Reflections
Saturday, July 15th, 2006I looked straight at the mirror and saw the difference. My goal of shedding pounds has taken noticed. Overwhelmingly, I gave myself the widest grin. It was a success. I am losing weight. I am looking better. I am becoming healthy. Oops. The last sentence got tangled in my uvula. I am not getting healthy. I am blatantly lying.
Losing weight ordinarily would mean I am on the way to the pink of health. The truth is I am not. I can’t describe the pain of vomiting that I experience every morning as I eat.
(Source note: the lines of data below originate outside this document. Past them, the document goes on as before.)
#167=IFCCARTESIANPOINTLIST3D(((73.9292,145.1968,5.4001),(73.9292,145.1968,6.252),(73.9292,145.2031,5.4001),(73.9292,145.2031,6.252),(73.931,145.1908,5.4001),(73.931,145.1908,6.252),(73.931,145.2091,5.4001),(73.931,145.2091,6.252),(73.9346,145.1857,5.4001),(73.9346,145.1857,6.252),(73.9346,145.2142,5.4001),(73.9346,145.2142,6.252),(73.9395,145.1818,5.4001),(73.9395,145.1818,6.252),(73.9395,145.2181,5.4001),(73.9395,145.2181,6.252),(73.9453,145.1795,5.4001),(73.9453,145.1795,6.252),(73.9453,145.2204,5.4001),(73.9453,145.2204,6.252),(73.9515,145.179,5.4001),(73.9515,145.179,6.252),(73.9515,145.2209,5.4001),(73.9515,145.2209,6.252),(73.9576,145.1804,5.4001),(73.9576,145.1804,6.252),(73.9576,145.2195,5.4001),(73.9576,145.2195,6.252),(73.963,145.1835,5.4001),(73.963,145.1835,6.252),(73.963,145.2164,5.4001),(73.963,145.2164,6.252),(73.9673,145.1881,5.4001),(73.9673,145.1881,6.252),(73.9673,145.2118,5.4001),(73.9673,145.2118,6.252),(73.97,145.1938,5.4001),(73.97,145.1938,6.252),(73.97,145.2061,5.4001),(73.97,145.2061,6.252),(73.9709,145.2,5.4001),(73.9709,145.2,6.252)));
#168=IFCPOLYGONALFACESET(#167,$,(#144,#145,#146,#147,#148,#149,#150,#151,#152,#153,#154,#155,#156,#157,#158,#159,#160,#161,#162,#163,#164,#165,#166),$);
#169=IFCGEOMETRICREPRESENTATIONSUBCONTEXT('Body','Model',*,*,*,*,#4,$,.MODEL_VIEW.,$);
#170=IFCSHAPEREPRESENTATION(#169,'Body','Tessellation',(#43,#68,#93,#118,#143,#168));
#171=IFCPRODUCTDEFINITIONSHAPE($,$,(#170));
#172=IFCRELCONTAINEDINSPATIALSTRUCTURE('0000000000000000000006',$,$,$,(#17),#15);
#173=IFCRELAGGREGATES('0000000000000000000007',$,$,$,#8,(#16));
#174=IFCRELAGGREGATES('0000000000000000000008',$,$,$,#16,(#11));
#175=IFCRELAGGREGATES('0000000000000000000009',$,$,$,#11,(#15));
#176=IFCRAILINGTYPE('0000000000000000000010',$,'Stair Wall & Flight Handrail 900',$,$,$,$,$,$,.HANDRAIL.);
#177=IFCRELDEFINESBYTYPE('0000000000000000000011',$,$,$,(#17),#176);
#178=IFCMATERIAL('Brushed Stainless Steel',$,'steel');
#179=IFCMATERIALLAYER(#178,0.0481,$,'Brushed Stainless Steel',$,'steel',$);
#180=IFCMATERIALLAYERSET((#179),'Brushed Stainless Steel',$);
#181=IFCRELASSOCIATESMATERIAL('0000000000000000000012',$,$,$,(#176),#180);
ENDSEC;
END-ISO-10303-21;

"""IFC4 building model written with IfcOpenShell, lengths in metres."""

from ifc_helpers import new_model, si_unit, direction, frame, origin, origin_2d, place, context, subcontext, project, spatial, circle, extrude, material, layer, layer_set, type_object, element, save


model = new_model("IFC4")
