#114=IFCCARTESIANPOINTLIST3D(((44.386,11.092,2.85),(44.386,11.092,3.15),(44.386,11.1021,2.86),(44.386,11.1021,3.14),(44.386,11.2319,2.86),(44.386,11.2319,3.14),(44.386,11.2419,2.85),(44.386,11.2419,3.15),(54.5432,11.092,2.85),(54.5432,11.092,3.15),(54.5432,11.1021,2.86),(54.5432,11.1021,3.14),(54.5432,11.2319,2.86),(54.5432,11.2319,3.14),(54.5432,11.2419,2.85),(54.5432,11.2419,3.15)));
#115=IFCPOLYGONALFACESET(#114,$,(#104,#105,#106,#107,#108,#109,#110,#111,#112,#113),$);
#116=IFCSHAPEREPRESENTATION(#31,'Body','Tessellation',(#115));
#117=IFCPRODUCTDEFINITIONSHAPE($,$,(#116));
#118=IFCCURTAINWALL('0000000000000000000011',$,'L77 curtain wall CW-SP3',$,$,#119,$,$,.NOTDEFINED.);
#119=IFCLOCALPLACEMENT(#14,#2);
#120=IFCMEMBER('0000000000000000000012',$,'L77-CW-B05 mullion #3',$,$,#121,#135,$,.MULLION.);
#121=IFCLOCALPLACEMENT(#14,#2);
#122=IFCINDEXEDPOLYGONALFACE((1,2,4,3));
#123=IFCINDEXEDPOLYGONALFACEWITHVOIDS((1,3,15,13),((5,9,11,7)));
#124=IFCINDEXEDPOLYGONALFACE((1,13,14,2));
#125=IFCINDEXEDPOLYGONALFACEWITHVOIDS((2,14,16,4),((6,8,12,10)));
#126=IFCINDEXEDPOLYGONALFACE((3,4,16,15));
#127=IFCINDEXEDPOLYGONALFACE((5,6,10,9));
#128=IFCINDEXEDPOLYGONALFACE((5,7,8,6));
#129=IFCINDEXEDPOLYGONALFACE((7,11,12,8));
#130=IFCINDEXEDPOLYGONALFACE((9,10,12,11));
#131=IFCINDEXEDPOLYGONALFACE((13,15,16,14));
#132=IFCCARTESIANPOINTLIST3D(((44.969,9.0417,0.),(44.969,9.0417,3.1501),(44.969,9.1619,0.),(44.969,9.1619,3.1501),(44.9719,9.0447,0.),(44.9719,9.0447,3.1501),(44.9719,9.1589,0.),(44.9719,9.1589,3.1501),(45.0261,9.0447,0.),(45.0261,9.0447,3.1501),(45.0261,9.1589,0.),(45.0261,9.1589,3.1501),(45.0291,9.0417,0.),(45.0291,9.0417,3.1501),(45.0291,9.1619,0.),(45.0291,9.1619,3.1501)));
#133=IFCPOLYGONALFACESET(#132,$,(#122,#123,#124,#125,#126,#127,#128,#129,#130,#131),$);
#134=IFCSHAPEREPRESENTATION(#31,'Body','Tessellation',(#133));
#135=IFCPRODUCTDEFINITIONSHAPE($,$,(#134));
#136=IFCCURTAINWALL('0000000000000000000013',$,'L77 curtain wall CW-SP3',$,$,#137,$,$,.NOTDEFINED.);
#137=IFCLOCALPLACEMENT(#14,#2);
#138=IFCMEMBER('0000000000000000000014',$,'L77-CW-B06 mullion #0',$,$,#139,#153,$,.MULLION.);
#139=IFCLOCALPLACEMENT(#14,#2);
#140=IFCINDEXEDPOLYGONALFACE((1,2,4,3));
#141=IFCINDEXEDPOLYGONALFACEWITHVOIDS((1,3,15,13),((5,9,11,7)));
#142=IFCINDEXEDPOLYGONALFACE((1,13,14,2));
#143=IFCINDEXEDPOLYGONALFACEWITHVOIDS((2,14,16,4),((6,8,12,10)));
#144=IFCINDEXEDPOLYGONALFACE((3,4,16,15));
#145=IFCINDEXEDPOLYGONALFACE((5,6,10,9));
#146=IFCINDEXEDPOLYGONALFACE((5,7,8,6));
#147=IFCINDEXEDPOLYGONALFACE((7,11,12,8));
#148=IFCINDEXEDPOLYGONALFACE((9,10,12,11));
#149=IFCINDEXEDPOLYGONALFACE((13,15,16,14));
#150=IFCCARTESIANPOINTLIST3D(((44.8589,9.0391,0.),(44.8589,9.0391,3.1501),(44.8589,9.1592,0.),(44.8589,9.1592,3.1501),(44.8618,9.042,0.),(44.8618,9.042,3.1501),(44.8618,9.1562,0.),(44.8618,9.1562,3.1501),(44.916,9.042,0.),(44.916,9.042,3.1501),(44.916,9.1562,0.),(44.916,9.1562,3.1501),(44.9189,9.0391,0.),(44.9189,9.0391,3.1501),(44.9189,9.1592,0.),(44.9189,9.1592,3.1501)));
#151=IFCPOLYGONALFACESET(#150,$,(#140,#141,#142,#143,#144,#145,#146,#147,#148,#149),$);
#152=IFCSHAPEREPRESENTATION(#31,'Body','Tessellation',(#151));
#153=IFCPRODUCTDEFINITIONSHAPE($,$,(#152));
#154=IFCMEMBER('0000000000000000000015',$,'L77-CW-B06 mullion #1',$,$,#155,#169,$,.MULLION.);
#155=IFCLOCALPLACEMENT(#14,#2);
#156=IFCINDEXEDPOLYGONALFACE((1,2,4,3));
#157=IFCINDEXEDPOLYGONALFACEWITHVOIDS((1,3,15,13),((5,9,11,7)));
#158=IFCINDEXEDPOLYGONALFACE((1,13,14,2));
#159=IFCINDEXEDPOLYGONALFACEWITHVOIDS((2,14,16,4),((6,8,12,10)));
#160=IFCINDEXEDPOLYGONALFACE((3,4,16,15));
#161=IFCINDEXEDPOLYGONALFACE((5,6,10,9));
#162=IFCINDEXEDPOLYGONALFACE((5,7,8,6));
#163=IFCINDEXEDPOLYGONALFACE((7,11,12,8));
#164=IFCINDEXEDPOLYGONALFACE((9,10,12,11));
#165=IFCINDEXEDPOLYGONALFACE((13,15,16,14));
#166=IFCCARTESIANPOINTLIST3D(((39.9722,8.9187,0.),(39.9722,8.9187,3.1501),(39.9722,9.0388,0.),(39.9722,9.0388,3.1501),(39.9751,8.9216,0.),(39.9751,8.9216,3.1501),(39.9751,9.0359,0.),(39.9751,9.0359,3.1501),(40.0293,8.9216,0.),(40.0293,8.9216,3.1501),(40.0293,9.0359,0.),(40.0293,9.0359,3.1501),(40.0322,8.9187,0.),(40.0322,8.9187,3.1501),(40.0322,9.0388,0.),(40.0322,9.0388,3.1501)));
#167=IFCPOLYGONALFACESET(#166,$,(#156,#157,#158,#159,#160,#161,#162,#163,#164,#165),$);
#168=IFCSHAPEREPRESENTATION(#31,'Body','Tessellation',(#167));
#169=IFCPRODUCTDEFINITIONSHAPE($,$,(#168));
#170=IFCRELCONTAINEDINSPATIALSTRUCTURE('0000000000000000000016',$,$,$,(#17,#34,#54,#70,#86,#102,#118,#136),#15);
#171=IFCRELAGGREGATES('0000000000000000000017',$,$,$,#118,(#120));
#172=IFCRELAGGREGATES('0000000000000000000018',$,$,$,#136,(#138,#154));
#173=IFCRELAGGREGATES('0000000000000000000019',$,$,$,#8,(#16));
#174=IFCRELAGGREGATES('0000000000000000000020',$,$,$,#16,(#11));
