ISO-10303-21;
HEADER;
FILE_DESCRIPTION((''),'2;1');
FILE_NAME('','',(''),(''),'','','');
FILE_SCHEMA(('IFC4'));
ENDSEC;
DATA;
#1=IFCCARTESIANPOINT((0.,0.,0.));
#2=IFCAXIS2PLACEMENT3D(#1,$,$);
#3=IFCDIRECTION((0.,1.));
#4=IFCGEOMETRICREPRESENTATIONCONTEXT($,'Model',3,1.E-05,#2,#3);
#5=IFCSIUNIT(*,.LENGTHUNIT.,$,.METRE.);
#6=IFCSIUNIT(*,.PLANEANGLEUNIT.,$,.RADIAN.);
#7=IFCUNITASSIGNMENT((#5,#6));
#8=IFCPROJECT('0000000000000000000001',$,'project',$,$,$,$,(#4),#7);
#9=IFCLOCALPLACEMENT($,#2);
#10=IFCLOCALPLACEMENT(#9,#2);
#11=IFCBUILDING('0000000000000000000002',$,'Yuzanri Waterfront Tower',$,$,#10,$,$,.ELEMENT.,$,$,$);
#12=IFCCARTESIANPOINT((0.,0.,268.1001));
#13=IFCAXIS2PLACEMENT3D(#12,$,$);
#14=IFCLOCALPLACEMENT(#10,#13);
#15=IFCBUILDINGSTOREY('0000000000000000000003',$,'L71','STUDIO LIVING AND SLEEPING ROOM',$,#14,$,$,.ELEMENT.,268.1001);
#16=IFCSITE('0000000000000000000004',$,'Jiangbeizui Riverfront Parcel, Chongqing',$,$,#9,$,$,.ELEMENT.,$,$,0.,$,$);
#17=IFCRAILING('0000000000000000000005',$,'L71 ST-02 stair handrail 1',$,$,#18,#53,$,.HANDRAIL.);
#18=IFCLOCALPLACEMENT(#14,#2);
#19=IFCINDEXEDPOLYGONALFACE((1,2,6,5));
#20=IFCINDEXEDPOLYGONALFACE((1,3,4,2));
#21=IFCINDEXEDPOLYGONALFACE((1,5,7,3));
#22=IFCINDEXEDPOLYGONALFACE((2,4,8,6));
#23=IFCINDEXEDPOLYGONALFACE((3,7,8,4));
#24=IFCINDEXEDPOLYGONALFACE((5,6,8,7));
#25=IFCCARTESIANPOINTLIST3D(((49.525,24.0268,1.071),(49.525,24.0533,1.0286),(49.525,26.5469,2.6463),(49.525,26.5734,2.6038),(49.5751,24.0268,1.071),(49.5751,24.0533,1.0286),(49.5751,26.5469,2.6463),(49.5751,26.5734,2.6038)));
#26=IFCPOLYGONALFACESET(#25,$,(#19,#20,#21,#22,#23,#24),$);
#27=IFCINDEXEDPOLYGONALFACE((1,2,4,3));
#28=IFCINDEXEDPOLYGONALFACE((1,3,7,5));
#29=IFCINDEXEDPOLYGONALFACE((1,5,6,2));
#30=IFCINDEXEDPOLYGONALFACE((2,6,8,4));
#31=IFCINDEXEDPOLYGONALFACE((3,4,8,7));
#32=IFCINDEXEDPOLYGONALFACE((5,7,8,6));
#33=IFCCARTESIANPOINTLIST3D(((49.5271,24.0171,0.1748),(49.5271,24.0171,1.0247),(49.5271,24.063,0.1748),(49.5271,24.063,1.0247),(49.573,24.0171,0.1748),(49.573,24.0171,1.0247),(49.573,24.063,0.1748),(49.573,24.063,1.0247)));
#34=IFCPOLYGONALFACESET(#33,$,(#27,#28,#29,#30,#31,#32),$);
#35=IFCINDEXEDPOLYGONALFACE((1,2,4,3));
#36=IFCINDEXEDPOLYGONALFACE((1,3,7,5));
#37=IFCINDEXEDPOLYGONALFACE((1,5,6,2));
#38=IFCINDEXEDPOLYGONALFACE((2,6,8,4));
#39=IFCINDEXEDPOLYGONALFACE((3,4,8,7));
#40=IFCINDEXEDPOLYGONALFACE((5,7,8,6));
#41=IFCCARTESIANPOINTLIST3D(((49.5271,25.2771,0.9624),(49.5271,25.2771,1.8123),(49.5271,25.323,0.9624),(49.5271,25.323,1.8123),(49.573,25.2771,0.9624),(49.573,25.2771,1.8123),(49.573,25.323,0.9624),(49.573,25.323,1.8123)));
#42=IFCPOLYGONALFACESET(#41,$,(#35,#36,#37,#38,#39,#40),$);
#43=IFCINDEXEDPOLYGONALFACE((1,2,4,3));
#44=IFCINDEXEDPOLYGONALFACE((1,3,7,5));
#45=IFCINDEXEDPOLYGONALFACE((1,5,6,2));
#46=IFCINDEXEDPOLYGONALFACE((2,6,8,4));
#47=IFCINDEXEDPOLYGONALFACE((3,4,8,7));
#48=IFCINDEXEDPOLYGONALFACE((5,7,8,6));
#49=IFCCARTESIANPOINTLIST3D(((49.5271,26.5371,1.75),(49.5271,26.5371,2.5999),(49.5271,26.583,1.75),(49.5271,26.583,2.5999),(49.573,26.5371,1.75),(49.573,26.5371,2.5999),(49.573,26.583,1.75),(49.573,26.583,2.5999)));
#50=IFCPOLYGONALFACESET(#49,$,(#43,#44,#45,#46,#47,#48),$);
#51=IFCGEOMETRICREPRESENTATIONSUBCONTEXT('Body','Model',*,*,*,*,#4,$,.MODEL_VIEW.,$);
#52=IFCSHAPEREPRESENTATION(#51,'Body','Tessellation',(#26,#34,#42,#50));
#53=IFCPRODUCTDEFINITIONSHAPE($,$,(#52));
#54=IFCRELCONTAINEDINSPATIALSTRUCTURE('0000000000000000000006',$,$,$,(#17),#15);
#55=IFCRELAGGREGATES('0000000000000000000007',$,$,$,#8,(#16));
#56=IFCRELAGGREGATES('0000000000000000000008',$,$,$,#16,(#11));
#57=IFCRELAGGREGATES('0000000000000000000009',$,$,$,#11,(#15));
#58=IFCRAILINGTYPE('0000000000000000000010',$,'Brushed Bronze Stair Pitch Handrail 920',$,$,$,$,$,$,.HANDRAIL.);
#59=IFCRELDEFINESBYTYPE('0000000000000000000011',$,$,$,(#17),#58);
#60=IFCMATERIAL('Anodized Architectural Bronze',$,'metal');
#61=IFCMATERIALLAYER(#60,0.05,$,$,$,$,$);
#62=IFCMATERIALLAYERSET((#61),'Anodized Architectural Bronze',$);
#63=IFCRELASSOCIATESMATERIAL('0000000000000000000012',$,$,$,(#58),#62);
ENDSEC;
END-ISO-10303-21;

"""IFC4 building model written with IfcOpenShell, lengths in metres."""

from ifc_helpers import new_model, si_unit, direction, frame, origin, origin_2d, place, context, subcontext, project, spatial, rectangle, extrude, source, transform, mapped, material, layer, layer_set, type_object, element, save


model = new_model("IFC4")

# Units and contexts
model_context = context("Model", 3, precision=1e-05, world=origin(), true_north=direction((0.0, 1.0)))
body_context = subcontext(model_context, "Body", "Model", "MODEL_VIEW")
ifc_project = project(units=[si_unit("LENGTHUNIT", "METRE"), si_unit("PLANEANGLEUNIT", "RADIAN")], contexts=[model_context])

# Site, building, storey
site_placement = place(None, origin())
site = spatial("IfcSite", under=ifc_project, at=site_placement, Name="Jiangbeizui Riverfront Parcel, Chongqing", CompositionType="ELEMENT", RefElevation=0.0)
building_placement = place(site_placement, origin())
building = spatial("IfcBuilding", under=site, at=building_placement, Name="Yuzanri Waterfront Tower", CompositionType="ELEMENT")
storey_placement = place(building_placement, frame((0.0, 0.0, 268.1001)))
storey = spatial("IfcBuildingStorey", under=building, at=storey_placement, Name="L71", Description="STUDIO LIVING AND SLEEPING ROOM", CompositionType="ELEMENT", Elevation=268.1001)

# Railing
ifc_material_1 = material(Name="Anodized Architectural Bronze", Category="metal")
ifc_layer_1 = layer(ifc_material_1, 0.05)
ifc_layer_set_1 = layer_set([ifc_layer_1], Name="Anodized Architectural Bronze")
railing_type = type_object("IfcRailingType", Name="Brushed Bronze Stair Pitch Handrail 920", PredefinedType="HANDRAIL", material=ifc_layer_set_1)
shared_shape_1 = source(origin(), body_context, "Body", "SweptSolid", [
    extrude(rectangle(XDim=0.05, YDim=0.05, at=origin_2d()), frame((0.0, 0.0, 0.875), z_axis=(0.0, 0.847971, 0.530043), x_axis=(-1.0, 0.0, 0.0)), (0.0, 0.0, 1.0), 2.9719),
    extrude(rectangle(XDim=0.0459, YDim=0.0459, at=origin_2d()), origin(), (0.0, 0.0, 1.0), 0.8499),
    extrude(rectangle(XDim=0.0459, YDim=0.0459, at=origin_2d()), frame((0.0, 1.26, 0.7876)), (0.0, 0.0, 1.0), 0.8499),
    extrude(rectangle(XDim=0.0459, YDim=0.0459, at=origin_2d()), frame((0.0, 2.52, 1.5752)), (0.0, 0.0, 1.0), 0.8499),
])
railing_placement = place(storey_placement, frame((49.55, 24.04, 0.1748)))
element("IfcRailing", 1, at=railing_placement, inside=storey, type_object=railing_type, Name="L71 ST-02 stair handrail 1", PredefinedType="HANDRAIL", context=body_context, shape_type="MappedRepresentation", body=[
    mapped(shared_shape_1, transform((0.0, 0.0, 0.0), scale=1.0)),
])

save(model, "model.ifc")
If I am young, I would probably be accused that I am bulimic. You might have the notion that I stopped eating much because I am afraid to grow fat. Partly, that was the reason. I am actually haunted by the fact that someone told me that I lack self control. I hate people accusing me of such irresponsibility. So I told myself that I will stop eating. I did and I do.It was painful.
The pain of dieting gets the toil of my health. First, it was the aching stomach raring for food. Next, it was the dizzy spell for the lack of sleep because of the decreased carbohydrates. Then, the weakening limbs for the lack of energy. Worst, depression engulfs my being as I get disappointed by the sacrifices I have made. I am in for dilemma.
I can’t describe the agony of the difficulties I encounter. I am losing myself. My friends accuse me of insanity as I go through this calvary of the goal to be thin. They would not understand why I bear all of these. I have to. This is a process wherein I can make myself whole again. I have to undergo this deconstruction to later rebuild myself to a new me. I believe that I will be better as I learn the hard road of life.
Don’t worry. I will never self destruct. What I am going through is a transformation. I am in a hibernation to have a new me. The start of building my new self image is seing the beauty in myself. Good news! I faced the mirror and saw my reflection of my beautiful self. You will see soon. I see the beautiful me. It is a start.